In this respect, I share the conclusion of the Secondary Legislation Scrutiny Committee, which found that,

“although the transfer scheme may make savings it may imperfectly achieve the overarching objective of providing financial support for children”.

I want to press the Minister for assurances that the Government will closely monitor what happens to maintenance for children whose CSA cases are closed during the next three years. After all, the department has details of the parents and children so can track what happens to them, case by case, in terms of future maintenance arrangements—or the lack of them.

It will not be enough for the Government to congratulate themselves if fewer parents apply to use the statutory maintenance service, unless they know for certain that the parents concerned have made private arrangements for maintenance that result in regular payments of realistic amounts for the children concerned.

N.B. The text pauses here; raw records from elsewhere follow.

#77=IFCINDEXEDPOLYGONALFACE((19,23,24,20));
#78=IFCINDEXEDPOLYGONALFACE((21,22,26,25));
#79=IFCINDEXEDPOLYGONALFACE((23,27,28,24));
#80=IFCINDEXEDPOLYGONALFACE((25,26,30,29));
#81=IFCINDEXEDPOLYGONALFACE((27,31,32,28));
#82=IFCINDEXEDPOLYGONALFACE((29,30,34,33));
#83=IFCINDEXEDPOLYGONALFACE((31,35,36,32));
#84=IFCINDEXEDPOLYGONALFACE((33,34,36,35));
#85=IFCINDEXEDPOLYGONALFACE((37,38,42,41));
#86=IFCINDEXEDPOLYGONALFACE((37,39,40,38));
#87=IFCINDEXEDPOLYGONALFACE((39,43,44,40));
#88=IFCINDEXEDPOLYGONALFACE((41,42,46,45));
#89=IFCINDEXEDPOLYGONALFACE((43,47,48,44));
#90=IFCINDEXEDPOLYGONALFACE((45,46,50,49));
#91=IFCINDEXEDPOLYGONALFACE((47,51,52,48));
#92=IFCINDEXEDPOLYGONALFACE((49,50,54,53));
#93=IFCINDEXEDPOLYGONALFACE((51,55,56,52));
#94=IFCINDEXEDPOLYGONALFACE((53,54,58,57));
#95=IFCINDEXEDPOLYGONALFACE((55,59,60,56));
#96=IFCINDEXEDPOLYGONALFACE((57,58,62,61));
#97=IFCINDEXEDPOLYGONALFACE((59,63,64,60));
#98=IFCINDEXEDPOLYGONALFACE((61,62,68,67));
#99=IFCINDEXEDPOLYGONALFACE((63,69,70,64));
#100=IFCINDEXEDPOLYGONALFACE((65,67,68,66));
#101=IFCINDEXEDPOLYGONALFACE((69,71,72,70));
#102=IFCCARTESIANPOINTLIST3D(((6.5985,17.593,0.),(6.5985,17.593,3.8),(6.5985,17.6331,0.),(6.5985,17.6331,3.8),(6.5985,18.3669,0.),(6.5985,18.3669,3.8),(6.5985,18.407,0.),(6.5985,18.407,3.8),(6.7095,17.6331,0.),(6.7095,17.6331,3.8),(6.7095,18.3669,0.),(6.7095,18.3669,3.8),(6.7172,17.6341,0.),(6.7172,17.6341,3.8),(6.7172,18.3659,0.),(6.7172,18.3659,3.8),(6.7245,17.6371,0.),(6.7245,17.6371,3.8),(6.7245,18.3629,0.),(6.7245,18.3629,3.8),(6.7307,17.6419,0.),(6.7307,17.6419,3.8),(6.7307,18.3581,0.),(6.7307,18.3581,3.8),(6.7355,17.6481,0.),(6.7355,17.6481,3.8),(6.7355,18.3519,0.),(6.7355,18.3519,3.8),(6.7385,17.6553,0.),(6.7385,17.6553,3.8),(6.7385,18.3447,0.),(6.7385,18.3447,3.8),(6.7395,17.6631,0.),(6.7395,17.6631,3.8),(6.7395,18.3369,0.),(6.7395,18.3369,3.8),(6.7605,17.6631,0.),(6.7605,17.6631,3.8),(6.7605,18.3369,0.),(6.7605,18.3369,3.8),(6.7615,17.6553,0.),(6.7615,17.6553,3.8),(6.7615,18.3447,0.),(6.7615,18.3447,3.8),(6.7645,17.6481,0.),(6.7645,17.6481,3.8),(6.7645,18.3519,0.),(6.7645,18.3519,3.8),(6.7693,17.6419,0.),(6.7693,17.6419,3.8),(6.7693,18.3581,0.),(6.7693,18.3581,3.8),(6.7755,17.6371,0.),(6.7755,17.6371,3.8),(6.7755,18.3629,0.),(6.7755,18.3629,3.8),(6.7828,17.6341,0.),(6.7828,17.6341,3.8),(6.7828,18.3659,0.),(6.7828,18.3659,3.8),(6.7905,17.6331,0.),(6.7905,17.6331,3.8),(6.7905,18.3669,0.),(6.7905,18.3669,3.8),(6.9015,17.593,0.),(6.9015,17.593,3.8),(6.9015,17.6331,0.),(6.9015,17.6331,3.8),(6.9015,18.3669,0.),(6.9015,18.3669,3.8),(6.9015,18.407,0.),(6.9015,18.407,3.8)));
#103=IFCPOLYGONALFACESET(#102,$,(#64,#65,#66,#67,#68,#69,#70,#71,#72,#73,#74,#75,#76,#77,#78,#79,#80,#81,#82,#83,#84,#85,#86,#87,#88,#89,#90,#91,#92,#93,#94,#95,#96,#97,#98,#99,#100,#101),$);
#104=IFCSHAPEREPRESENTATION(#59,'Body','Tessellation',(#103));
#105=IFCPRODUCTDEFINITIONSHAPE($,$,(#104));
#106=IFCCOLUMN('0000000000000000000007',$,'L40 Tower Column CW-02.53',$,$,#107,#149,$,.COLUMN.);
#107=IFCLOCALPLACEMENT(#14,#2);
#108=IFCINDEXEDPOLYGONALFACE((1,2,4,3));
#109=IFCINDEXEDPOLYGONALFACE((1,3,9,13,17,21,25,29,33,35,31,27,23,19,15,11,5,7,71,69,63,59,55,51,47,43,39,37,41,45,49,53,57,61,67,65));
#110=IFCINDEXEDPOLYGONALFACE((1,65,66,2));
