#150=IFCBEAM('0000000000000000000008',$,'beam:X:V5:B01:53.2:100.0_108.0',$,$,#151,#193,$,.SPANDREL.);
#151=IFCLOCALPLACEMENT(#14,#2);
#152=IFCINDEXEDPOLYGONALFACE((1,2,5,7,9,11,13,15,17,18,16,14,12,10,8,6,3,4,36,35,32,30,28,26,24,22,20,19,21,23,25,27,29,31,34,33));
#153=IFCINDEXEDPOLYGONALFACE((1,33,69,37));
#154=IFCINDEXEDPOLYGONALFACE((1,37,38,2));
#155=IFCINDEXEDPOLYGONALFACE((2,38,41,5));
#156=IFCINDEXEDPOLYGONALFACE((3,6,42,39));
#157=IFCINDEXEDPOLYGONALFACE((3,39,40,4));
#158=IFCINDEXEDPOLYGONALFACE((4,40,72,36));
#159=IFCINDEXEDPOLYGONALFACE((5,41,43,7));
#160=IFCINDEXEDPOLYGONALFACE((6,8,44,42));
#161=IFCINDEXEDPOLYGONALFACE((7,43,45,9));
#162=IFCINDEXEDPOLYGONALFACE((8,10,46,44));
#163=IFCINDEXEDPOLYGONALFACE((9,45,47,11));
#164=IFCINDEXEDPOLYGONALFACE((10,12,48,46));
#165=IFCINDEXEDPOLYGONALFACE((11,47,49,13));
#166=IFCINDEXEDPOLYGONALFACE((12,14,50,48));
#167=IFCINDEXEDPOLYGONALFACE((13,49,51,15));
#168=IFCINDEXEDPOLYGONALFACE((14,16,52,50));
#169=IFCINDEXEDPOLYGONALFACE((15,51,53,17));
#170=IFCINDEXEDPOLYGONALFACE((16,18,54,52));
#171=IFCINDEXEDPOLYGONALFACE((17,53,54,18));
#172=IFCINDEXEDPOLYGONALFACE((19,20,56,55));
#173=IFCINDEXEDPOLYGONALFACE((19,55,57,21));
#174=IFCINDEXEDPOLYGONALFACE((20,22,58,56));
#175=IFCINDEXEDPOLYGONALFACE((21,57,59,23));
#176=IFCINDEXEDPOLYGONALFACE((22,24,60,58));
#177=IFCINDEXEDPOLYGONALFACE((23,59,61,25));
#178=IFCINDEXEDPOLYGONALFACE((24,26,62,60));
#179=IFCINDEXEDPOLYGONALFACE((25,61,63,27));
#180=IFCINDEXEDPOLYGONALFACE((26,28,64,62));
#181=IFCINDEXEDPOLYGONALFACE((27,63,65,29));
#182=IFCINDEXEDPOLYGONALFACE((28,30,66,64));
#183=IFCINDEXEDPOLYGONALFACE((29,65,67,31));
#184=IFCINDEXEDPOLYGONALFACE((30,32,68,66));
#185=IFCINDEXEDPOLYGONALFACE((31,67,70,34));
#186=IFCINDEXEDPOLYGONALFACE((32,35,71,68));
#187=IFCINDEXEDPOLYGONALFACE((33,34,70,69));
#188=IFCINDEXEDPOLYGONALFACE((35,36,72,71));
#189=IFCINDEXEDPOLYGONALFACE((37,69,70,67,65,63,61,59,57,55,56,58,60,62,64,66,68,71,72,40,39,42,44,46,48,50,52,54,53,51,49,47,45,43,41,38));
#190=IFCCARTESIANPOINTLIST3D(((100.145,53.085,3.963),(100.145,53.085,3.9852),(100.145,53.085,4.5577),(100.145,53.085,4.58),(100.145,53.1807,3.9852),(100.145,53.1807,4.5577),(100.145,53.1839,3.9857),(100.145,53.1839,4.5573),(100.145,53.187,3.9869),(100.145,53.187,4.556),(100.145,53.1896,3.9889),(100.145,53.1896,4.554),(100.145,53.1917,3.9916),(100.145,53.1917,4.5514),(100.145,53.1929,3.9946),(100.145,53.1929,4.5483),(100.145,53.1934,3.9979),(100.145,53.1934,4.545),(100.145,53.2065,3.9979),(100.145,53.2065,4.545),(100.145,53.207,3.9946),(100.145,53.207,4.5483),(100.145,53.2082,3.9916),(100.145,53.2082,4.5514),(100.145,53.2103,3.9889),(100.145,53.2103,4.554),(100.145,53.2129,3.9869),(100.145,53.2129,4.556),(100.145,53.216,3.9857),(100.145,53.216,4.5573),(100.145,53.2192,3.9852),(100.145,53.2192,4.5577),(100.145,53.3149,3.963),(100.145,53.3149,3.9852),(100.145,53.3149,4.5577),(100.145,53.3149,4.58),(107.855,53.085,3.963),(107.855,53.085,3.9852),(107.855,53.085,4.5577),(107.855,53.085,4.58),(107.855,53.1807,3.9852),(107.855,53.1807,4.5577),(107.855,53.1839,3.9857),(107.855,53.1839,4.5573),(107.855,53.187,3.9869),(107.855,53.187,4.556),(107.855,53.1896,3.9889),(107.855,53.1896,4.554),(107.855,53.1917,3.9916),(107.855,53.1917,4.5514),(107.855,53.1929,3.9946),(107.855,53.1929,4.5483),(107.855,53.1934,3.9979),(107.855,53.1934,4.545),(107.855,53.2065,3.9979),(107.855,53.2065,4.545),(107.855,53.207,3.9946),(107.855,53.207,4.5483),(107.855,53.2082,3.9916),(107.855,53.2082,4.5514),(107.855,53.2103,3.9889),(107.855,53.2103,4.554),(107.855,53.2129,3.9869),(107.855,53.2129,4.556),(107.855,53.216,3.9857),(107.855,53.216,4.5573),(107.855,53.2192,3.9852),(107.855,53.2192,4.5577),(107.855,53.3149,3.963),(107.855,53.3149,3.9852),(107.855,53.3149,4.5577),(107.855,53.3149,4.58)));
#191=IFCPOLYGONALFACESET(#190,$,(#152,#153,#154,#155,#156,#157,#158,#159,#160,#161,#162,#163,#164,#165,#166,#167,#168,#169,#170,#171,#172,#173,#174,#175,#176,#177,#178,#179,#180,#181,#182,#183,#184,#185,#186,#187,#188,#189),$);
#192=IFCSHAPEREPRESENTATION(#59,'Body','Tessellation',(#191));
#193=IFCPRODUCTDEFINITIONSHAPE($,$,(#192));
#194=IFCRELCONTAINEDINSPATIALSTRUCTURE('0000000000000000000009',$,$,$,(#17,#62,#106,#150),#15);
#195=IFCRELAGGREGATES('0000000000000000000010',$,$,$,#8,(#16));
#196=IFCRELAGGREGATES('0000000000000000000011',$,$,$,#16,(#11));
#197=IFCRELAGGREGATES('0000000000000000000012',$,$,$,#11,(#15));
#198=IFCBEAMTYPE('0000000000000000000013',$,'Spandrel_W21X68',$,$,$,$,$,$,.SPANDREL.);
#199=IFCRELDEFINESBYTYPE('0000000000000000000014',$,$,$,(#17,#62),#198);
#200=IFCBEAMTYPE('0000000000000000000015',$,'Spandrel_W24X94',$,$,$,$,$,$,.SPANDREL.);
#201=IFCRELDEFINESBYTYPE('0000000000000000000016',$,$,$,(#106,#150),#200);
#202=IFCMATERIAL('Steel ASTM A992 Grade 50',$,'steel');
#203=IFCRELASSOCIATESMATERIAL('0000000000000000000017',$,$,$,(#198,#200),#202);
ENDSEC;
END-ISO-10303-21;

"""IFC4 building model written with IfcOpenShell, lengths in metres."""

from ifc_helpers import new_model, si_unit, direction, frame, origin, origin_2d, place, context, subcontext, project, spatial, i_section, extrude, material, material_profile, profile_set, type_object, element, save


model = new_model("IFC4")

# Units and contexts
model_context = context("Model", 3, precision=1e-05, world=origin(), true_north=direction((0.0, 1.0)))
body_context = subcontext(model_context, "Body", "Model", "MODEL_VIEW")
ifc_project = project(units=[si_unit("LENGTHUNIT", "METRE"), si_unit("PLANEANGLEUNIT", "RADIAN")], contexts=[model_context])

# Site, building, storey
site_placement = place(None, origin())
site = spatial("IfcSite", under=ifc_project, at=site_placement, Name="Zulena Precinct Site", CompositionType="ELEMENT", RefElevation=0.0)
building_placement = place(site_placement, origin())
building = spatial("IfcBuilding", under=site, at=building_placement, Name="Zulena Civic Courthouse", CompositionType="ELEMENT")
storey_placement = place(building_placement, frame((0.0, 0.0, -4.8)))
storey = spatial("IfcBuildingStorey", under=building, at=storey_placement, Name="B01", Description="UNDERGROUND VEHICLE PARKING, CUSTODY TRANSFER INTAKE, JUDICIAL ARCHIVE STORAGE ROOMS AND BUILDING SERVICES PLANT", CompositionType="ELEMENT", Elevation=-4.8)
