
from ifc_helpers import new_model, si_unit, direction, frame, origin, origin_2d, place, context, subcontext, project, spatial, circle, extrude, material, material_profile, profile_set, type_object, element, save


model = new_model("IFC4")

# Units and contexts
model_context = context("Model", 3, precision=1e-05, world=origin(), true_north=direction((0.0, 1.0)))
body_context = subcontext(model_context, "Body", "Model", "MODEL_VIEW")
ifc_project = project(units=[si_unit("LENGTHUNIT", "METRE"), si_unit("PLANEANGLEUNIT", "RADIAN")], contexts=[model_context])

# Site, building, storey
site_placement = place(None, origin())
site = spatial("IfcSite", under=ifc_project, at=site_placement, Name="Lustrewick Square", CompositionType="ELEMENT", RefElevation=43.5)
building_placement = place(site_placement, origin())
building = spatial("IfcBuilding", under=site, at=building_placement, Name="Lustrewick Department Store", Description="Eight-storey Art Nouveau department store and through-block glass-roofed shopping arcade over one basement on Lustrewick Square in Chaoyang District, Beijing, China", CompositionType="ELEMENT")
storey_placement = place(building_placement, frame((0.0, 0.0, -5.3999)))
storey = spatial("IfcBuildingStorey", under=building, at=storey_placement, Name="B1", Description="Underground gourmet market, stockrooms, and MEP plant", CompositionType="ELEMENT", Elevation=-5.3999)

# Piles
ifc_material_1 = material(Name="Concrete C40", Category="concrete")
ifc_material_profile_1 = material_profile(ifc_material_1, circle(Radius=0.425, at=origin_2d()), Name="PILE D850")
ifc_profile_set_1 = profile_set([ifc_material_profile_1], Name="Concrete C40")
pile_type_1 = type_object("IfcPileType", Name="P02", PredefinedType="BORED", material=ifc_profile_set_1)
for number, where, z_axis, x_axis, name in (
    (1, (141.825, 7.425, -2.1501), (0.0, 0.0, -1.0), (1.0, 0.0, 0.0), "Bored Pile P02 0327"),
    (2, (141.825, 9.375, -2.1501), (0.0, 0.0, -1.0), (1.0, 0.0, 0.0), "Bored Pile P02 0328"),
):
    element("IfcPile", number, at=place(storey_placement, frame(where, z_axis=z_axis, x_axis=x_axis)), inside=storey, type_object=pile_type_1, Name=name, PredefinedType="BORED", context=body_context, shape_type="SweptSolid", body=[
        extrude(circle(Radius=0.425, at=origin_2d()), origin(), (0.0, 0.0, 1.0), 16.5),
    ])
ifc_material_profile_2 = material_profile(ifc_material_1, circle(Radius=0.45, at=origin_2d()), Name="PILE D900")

Similarly, it will not be enough to be satisfied that fewer parents are asking to use the collection service and have opted for a direct payment arrangement—again, unless they know for certain that those direct payment arrangements are resulting in regular payment of the liabilities that have been calculated by the Child Maintenance Service.

In the past, the department has said it can assume that every direct payment arrangement is paid in full and on time because, if not, parents with care would ask to use the collection service. Even if this assumption were true now, it will certainly not be true in the future, given that the collection charges are expressly intended to deter parents from asking to use the collection service, regardless of the circumstances. I therefore seek full assurances from the Minister that the department will track in detail how children fare as their CSA cases are closed down and charges are brought in.

Lord Kirkwood of Kirkhope Portrait Lord Kirkwood of Kirkhope (LD)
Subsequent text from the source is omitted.